Zelsys couldn’t help but laugh at that remark, jokingly reassuring, “Don’t worry, I’ll be careful to not crush yours.”
Her smile turned to a grin as she watched the realization of what she just said settle into Zef’s mind, her face flushing quicker than she could turn away.
Neither Makhus nor Sigmund were to be found anywhere on the ground floor when they made their way down those old, wooden stairs. Both of the women looked about for a few moments, soon realizing that the metallic rattling coming from the basement was caused by their compatriots. They vaguely heard Makhus yell something along the lines of, “There’s months of waste backing this fuckin’ thing up!”
“They’re probably cleaning an alkahestry still. Let’s not disturb them,” Zefaris suggested, clearly apprehensive to what she perceived as filthy, disgusting work. After all, she had no experience working with such devices outside of the horrific contraption that Makhus had set up in their camp. The concept of an industrial-scale still backed up with months of waste conjured in her mind images worthy of an ossuary.
Thus, they didn’t distract the two men from their labor, but Zelsys took a short time while they were still here to reload her gun. Not because she thought she might need to use it, but because something just felt off about leaving a fired shell in the mechanism, and if she were to extract the shell and place it into Fog Storage, she may as well just go all the way with retrieving another shell and loading it.
Even after seeing it multiple times, the loud click-clacking of the heavy mechanism and the violent motions required to make it move made the markswoman stare with enraptured fascination. Truly, this weapon was a wonder of technology compared to the simplistic, mass-produced muzzle loaders she was issued and had used for most of her adult life.

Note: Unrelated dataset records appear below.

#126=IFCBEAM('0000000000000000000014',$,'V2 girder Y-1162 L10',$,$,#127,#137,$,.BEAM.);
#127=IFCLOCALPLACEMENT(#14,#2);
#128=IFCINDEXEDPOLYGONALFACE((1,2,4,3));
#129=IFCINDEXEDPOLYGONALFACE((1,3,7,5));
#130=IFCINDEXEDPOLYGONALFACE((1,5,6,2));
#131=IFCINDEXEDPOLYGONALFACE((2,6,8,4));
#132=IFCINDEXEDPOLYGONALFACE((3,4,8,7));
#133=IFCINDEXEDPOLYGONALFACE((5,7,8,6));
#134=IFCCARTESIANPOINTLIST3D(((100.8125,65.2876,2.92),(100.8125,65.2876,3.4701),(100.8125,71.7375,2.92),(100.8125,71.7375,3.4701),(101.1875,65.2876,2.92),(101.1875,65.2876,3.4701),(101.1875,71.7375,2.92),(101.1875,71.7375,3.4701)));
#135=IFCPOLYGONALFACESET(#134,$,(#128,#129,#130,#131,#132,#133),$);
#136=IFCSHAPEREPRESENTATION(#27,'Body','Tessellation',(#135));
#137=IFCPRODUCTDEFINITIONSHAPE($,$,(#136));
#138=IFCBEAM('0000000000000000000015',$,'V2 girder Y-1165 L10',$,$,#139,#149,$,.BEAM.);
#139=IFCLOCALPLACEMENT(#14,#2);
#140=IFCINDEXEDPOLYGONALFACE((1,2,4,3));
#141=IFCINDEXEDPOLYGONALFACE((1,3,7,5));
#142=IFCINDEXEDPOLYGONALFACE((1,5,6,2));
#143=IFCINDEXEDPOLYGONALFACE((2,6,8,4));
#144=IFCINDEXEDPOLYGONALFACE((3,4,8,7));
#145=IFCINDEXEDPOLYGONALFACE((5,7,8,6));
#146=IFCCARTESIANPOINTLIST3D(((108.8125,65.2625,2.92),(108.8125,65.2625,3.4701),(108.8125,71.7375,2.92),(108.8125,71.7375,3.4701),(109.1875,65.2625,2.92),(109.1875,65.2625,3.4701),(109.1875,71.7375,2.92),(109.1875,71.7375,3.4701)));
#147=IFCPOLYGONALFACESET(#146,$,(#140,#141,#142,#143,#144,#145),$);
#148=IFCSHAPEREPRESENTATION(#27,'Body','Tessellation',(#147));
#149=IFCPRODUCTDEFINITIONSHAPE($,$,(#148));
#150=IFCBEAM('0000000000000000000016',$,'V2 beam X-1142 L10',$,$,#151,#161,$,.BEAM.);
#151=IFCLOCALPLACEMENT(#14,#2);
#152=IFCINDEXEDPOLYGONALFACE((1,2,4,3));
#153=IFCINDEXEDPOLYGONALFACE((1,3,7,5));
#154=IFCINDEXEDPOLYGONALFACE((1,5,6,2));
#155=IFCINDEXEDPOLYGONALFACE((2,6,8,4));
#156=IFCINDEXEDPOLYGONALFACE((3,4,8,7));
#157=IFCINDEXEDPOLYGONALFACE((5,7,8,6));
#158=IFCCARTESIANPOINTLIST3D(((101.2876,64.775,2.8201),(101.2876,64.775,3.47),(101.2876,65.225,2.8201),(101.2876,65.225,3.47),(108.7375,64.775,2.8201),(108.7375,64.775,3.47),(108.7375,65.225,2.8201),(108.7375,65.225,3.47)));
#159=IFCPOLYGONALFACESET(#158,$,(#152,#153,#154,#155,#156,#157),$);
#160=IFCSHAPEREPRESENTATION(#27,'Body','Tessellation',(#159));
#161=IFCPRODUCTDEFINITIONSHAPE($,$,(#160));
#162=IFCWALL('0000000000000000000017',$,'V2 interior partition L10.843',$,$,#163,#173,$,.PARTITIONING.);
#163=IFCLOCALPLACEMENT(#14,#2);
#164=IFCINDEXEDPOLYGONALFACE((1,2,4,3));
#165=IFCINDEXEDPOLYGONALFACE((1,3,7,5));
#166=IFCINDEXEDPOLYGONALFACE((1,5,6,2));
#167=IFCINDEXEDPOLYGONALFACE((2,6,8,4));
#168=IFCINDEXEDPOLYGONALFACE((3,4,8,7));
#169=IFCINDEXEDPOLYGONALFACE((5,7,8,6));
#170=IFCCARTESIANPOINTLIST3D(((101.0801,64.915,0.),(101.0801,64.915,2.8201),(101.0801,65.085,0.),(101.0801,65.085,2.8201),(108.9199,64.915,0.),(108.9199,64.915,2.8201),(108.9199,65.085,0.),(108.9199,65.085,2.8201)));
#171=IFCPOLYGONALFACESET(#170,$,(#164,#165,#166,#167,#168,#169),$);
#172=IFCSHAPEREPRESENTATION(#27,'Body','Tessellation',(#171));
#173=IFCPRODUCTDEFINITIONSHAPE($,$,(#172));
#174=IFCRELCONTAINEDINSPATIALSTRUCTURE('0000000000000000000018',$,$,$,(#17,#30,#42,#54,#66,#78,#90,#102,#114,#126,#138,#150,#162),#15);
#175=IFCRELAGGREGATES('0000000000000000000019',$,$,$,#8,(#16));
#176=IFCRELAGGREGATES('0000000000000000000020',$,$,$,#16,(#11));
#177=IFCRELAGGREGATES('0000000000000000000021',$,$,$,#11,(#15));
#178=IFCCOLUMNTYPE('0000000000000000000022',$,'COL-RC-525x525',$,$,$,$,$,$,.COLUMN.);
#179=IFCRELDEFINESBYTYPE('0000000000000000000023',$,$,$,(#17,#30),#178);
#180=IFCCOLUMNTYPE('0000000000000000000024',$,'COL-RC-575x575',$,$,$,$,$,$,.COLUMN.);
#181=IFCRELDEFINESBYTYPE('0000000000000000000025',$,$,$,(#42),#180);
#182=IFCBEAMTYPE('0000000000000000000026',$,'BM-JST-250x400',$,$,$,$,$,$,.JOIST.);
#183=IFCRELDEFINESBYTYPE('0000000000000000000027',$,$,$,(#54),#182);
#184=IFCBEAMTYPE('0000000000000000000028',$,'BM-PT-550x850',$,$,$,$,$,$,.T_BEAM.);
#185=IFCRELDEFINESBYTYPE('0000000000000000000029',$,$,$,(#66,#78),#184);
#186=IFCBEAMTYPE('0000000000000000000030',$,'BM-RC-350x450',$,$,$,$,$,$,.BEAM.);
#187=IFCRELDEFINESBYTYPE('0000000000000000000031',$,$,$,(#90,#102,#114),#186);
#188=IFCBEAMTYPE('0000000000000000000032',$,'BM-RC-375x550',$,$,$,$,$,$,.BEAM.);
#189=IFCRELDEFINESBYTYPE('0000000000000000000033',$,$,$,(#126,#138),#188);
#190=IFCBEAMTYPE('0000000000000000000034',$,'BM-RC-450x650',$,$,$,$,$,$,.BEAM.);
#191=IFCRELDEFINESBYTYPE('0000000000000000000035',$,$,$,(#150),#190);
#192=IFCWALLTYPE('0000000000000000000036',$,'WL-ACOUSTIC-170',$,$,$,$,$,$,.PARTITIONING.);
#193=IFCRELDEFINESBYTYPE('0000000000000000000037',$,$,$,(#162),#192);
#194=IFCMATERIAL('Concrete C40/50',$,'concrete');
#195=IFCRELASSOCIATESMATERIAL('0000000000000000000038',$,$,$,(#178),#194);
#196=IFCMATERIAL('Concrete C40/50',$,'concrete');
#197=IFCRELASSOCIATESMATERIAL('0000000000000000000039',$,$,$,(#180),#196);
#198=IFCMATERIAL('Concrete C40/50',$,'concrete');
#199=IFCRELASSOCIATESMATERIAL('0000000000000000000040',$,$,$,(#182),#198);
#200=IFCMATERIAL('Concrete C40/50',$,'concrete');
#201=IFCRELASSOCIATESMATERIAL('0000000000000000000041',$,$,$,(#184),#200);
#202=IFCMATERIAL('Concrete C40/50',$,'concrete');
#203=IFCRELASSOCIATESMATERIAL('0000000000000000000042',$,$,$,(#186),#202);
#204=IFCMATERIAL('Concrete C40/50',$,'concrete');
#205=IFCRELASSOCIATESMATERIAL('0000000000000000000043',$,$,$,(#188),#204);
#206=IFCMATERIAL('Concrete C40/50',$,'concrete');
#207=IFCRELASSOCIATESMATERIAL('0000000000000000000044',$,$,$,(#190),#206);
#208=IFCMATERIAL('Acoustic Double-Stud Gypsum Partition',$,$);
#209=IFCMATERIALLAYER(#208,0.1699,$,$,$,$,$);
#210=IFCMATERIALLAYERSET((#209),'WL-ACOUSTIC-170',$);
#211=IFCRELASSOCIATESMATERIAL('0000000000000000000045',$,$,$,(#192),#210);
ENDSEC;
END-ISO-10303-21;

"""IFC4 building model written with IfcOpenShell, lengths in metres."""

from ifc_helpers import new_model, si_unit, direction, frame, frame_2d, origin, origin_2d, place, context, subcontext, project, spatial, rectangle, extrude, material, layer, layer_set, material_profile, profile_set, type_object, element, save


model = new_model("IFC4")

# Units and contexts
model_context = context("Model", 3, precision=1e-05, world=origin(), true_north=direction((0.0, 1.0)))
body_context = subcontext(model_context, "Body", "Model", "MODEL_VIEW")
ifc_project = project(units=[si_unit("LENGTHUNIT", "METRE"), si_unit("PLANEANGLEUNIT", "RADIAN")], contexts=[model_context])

The empty shell was thrown skyward and clattered onto the counter when she yanked the bolt open, Zef’s eye tracing its trajectory before she reached out and picked it up, turning it over in her hand, even smelling it.
“Ignis-infused rifle powder, no wonder it needs that harness,” she remarked, handing the shell over. “Did it do anything to the beasty?”

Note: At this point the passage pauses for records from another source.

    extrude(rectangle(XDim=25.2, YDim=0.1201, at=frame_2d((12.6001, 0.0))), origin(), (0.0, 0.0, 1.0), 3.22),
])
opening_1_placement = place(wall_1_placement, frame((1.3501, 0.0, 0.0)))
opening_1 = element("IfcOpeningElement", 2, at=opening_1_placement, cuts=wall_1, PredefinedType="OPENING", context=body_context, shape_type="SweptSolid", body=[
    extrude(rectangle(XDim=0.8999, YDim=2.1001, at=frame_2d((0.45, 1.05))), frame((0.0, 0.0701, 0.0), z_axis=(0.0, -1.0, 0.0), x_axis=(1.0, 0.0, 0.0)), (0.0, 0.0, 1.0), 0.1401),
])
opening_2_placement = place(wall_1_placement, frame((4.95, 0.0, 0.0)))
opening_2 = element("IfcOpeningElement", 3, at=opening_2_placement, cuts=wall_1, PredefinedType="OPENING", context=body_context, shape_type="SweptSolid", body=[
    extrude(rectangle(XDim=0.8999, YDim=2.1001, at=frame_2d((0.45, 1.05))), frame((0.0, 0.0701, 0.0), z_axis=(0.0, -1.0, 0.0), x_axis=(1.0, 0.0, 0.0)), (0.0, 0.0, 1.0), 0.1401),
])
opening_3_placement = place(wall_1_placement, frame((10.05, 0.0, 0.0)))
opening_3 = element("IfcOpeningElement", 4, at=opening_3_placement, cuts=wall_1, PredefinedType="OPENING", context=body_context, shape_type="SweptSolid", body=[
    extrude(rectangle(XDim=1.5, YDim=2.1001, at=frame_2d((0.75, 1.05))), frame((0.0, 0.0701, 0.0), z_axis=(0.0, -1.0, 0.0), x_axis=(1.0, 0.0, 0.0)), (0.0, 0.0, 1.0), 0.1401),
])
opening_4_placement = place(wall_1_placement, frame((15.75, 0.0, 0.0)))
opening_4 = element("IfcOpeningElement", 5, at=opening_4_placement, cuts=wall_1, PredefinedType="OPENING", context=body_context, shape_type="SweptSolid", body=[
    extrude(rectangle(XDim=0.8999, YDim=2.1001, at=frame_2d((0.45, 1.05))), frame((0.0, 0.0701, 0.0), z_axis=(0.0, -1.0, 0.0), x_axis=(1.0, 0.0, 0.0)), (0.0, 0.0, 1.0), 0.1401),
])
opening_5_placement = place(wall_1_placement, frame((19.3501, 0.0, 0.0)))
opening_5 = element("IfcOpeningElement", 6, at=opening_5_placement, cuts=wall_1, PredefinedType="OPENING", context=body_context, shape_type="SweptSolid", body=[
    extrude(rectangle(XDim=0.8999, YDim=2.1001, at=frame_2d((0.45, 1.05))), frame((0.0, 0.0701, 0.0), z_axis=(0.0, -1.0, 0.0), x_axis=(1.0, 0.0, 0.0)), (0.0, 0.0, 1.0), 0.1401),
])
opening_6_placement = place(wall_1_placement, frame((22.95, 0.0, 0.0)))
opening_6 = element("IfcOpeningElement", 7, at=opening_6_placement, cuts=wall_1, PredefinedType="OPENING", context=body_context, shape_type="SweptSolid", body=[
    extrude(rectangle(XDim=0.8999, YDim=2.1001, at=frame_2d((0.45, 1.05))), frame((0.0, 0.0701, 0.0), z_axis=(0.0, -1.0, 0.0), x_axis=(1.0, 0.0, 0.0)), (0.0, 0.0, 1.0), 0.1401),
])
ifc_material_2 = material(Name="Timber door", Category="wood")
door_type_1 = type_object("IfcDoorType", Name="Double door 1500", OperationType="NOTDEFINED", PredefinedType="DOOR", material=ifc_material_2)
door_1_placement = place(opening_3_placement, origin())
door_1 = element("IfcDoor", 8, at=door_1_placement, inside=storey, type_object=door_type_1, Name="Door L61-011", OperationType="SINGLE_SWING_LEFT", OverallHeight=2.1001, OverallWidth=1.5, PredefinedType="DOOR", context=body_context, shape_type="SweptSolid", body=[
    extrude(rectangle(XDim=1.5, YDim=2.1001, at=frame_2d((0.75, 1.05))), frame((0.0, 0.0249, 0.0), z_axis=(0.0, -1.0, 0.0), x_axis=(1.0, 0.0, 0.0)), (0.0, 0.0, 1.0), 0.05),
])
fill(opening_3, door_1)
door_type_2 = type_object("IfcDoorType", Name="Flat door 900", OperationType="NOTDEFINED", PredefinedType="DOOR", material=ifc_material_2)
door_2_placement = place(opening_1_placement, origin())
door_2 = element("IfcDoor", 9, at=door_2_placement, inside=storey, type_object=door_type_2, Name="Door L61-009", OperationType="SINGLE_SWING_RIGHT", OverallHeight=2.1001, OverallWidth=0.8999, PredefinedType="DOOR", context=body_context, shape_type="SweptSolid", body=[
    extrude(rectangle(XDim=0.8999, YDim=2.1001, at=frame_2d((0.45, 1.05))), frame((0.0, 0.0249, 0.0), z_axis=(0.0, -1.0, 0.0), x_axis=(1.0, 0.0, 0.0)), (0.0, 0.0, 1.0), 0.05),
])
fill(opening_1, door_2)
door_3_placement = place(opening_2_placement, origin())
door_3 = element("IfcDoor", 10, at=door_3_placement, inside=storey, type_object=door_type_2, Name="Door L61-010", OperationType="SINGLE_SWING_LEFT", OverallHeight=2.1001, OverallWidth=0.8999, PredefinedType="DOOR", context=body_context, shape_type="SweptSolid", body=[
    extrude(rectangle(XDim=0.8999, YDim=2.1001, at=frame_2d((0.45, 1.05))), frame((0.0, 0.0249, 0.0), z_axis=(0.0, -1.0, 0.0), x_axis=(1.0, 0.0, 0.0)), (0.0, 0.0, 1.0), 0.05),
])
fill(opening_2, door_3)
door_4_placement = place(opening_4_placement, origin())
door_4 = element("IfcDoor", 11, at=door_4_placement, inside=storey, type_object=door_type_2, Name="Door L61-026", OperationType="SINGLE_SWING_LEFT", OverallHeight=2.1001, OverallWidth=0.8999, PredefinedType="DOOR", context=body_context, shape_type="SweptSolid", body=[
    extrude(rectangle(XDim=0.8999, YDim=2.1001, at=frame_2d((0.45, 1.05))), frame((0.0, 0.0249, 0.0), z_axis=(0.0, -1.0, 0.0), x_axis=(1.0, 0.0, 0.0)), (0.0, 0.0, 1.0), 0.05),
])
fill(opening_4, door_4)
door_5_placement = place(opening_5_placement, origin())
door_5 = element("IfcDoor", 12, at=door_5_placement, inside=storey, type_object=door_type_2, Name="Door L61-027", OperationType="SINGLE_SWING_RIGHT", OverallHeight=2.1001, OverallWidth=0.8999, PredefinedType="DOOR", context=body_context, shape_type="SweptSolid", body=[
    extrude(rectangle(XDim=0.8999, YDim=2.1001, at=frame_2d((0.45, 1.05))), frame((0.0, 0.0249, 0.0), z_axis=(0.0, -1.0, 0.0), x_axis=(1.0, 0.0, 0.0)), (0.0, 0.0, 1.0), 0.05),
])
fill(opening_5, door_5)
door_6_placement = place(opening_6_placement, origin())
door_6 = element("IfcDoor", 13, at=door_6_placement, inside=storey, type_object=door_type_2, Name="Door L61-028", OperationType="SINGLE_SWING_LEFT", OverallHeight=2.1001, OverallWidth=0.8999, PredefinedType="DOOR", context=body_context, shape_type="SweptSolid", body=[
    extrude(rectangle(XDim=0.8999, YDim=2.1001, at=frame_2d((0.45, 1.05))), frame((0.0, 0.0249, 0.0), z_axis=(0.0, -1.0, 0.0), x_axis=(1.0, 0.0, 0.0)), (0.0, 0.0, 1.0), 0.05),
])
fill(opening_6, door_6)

“Punched a hole in its stomach, didn’t go through. I wager it would’ve if I hadn’t used it to stagger the thing,” Zel responded, waiting for the shell to vanish in the Fog vortex before she selected a shell for retrieval. There were no more Type-1 Loaded Shells to be had, and so it was that she retrieved one of the two Type-2s. She hadn’t paid them any particular attention when she first stored them in the Tablet, but having had some experience in using the weapon, the difference between a loaded Type-1 and Type-2 was quite obvious now.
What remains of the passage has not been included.